Terremoto, il Papa acquista i prodotti dalle zone colpite

martedì 28 febbraio 2017 di Staff Giovani Impresa

Forme di pecorinoForme di pecorino

Dal pecorino di Amatrice di Antonio Aureli titolare di un allevamento con azienda biologica e caseificio con 400 pecore ai legumi storici farro e roveja recuperati dalle coltivazioni, a Sandro Severini a Norcia da dove vengono anche le eccellenze casearie di Giustino Graziosi e Giuliano Cetorelli: questi sono solo alcuni degli agricoltori e degli allevatori che hanno accolto con gioia e sorpresa la visita dell’Elemosineria Apostolica che su  indicazione del Papa, ha acquistato prodotti alimentari tipici delle aree colpite dal sisma, che sono stati distribuiti a diverse mense caritative di Roma.

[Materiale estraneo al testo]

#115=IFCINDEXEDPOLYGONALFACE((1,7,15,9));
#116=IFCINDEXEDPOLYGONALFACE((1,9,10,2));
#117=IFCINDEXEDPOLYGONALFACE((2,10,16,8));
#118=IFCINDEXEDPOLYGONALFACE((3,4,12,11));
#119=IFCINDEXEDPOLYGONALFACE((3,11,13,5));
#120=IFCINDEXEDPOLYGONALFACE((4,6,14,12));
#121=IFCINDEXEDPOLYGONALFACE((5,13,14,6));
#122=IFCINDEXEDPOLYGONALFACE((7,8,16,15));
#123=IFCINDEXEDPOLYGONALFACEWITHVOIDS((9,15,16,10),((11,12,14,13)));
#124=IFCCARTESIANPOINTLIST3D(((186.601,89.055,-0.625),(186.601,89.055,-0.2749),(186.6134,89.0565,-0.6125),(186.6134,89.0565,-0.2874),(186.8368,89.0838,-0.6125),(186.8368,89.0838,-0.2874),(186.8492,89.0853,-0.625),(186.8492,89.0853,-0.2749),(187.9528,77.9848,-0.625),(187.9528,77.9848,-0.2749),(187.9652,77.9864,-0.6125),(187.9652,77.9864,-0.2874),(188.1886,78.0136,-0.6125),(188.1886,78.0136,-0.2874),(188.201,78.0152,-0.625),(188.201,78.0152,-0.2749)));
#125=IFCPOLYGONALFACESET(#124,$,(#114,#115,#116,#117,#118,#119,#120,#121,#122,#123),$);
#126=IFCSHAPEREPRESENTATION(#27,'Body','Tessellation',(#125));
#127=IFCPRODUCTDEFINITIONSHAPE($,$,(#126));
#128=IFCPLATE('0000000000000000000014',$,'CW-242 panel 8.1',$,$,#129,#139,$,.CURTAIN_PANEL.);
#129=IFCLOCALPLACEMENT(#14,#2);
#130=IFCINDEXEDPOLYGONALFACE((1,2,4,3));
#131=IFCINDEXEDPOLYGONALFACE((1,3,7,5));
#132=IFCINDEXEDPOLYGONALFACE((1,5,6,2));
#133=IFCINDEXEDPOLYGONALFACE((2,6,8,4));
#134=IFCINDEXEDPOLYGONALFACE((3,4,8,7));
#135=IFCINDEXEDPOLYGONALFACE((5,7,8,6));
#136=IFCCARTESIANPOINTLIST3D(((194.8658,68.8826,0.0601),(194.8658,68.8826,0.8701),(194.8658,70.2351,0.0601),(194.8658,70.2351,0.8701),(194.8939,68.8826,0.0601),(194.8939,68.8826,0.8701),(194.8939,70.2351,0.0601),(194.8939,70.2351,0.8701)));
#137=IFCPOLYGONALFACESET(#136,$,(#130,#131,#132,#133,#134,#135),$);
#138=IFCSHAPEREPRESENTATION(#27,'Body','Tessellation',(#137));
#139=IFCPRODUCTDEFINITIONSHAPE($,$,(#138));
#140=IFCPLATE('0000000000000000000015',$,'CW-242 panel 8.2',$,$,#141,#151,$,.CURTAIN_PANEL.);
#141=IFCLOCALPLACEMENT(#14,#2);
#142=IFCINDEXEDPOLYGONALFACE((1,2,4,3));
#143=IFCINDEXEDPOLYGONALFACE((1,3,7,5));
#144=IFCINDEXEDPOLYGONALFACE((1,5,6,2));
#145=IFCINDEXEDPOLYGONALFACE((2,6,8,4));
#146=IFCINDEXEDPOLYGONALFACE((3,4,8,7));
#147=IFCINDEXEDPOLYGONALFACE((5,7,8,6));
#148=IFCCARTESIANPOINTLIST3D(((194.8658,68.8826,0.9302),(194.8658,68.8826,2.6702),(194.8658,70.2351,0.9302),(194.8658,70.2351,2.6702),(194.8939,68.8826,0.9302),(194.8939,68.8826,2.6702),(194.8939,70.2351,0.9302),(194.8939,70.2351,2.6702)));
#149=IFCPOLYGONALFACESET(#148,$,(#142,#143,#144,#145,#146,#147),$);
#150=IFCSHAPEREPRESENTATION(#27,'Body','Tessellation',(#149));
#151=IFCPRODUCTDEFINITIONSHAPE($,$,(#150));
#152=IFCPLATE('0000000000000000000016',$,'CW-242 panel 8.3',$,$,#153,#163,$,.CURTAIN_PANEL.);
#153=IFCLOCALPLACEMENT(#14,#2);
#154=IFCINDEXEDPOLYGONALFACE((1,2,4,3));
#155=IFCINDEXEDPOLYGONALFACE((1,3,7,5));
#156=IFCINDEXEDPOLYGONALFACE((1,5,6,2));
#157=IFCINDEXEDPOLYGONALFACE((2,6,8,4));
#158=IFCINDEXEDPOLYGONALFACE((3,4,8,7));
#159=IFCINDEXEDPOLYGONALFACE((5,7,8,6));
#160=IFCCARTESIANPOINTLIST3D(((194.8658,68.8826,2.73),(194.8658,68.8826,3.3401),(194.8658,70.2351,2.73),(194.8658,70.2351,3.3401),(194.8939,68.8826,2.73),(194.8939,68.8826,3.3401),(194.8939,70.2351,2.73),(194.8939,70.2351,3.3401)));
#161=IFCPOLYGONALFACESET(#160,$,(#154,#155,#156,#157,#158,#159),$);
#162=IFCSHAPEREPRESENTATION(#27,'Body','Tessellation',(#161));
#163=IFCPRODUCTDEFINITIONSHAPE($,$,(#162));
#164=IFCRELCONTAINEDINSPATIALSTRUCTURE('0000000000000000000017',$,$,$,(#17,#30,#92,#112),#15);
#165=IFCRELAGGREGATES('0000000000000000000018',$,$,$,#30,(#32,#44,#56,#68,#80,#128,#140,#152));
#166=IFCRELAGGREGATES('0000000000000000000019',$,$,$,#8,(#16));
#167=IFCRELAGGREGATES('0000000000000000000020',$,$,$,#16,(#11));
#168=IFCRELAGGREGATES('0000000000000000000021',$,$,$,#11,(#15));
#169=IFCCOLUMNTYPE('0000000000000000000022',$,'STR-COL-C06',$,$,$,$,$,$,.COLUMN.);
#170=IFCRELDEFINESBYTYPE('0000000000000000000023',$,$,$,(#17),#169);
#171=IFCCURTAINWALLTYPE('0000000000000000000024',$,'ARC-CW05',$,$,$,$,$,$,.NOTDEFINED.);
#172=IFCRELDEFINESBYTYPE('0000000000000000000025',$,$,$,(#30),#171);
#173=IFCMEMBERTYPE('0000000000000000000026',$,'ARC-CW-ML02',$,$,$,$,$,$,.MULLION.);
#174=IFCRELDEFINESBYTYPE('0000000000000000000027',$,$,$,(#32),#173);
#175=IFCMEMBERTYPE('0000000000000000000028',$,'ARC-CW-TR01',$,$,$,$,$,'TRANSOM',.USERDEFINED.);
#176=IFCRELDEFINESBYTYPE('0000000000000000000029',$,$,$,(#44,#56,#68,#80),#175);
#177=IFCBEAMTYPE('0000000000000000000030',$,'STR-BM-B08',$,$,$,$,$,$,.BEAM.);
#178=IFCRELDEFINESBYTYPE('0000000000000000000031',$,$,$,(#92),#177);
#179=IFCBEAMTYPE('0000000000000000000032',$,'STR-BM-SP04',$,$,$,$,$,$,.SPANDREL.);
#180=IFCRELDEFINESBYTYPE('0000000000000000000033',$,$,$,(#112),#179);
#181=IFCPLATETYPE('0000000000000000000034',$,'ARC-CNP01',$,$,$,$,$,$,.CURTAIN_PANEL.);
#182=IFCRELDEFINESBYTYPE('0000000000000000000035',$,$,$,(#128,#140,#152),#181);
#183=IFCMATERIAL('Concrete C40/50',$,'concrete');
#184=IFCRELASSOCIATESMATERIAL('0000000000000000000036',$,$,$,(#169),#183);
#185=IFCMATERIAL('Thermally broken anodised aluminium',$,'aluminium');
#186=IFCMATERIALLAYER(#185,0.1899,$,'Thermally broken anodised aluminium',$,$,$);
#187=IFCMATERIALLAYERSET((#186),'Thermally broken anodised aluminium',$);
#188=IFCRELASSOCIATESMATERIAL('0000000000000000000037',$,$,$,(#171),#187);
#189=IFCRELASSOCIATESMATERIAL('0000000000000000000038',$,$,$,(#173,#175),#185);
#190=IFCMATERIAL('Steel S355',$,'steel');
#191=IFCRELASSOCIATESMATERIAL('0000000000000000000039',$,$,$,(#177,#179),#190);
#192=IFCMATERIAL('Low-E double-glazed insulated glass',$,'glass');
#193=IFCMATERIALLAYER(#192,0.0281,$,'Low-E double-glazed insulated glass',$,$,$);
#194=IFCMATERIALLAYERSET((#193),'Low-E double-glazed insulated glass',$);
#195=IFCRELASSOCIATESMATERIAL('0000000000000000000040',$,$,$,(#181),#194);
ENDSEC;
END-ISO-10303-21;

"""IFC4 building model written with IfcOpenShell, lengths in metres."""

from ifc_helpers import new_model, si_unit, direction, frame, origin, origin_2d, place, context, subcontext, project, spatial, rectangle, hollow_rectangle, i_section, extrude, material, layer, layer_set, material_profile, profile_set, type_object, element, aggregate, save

Lo si rende noto con immensa gratitudine nel sottolineare che il gesto del Santo Padre è un messaggio di grande incoraggiamento, che aiuta a tenere alto il morale di una comunità ferita, ma che non vuole arrendersi. Un invito a ricordare che il terremoto ha colpito un territorio prevalentemente agricolo e con diversi allevamenti, che hanno bisogno di essere sostenuti concretamente affinché la ricostruzione vada di pari passo con la ripresa dell’economia. “La delegazione pontificia – ha spiegato Antonio Aureli di Amatrice – ha comprato dieci forme del nostro pecorino. Si sono informati sulle nostre difficoltà, gli ho spiegato che qui lavoriamo soltanto il nostro latte. Alla fine della visita, prima di andare via, i sacerdoti hanno impartito la benedizione al personale e al bestiame”. Aureli non ha mai interrotto la sua attività nonostante le scosse abbiano causato un forte calo della produzione di latte per lo stress cui è stato sottoposto il bestiame dallo scorso agosto ad oggi.

A sei mesi dalle prime scosse sismiche, si stima che non più del 15% degli animali sfollati possono essere ospitati nelle stalle provvisorie annunciate e si conta una vera strage con oltre diecimila animali morti, feriti e abortiti nelle aree del sisma . L’effetto congiunto di terremoto e neve ha fatto crollare le stalle e costretto gli animali al freddo e al gelo e ad oggi, diversi allevatori non sanno ancora dove ricoverare il bestiame sopravvissuto e che corre il rischio di ammalarsi e morire, o nelle strutture pericolanti. In questo momento si rende necessario colmare i ritardi accumulati nella realizzazione delle nuove stalle, ma anche completare gli allacci della luce e dell’acqua nelle strutture già consegnate. In attesa delle nuove casette nei paesi abbandonati anche per l’esodo forzato, si registra anche il crollo del 90% del mercato che fa morire l’economia locale con gli agricoltori e gli allevatori rimasti che, per sopravvivere, sono costretti a cercare canali alternativi dove vendere i prodotti salvati dalle macerie.